I swallowed. I wasn’t sure that I wanted to ask this question, but there was no way around it. ‘What did he want to know about me?’ I asked.

‘He just asked me to describe you, that was all. The type of man you are.’

‘And what did you tell him?’

‘The truth, of course. How kind you are. How thoughtful. How loving.’ She hesitated for a moment and leaned forward a little. ‘How you have taken care of me all these years. And how forgiving you are.’

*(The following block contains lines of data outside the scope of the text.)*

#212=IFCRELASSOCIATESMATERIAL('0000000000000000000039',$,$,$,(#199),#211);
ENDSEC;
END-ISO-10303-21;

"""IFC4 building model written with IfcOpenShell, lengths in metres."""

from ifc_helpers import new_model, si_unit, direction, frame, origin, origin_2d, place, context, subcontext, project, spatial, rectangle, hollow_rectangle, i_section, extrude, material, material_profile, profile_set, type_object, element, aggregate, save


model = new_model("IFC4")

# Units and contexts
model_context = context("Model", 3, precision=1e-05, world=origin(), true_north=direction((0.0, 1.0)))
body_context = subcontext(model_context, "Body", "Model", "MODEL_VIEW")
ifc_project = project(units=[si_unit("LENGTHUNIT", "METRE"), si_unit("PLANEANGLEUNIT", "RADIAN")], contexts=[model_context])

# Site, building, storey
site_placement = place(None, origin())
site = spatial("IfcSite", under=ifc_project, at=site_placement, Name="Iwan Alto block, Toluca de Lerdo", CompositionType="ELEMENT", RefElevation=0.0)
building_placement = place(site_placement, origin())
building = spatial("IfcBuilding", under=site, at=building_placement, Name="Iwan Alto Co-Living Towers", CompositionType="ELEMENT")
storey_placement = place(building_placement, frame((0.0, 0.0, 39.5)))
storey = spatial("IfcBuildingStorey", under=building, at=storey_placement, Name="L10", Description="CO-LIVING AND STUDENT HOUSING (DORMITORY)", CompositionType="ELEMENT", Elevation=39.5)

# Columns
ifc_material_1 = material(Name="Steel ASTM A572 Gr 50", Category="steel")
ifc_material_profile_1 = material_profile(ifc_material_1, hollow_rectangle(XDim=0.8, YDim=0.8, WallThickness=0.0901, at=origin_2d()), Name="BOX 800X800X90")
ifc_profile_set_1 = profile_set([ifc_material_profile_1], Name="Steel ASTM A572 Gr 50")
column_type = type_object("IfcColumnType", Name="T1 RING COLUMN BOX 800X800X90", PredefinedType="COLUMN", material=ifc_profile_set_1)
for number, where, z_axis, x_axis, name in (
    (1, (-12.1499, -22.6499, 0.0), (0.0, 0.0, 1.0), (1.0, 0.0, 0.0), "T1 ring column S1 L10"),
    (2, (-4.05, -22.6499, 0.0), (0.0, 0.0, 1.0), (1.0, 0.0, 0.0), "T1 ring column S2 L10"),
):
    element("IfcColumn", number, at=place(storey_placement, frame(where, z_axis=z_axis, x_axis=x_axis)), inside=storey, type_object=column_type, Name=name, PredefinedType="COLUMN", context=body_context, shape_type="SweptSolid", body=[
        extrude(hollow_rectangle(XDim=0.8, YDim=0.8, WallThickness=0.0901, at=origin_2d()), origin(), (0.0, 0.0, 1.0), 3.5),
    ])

I looked at her and could feel the tears begin to build behind my eyes. I wasn’t angry now; I was feeling hurt again. Betrayed. I sought the correct words. I didn’t want to attack. ‘And you told him about … did you tell him?’

She nodded. ‘About Henry? Yes. I did.’

I sighed and looked away. Even now, almost a year later, the name was enough to shatter my mood and my confidence. I could still hardly believe that it had happened, that after so many years together she could betray me with another man.

*

Arina introduced Zoya and me to Ralph at the end of summer. I hadn’t known what to expect – it was the first time she had ever brought a boy home, after all – and the truth was that I rather dreaded the prospect of meeting him. It wasn’t just that it forced me to acknowledge the fact that my daughter was approaching adulthood; there was also the matter of facing up to my own increasing age. In my foolishness, I still thought of my life as being spread out before me like a flowerbed in springtime, a row of tulips about to burst into brilliant life, when really it was more like rose plants in autumn, when the leaves begin to blacken and wither and the decay of winter is all that remains of their lives. Lost among the filing systems of the British Library, I was quiet throughout the day as this sobering thought settled upon my brain, and when Miss Llewellyn asked me whether I was feeling all right, I could only pass off my gloom with an embarrassed smile and an honest explanation.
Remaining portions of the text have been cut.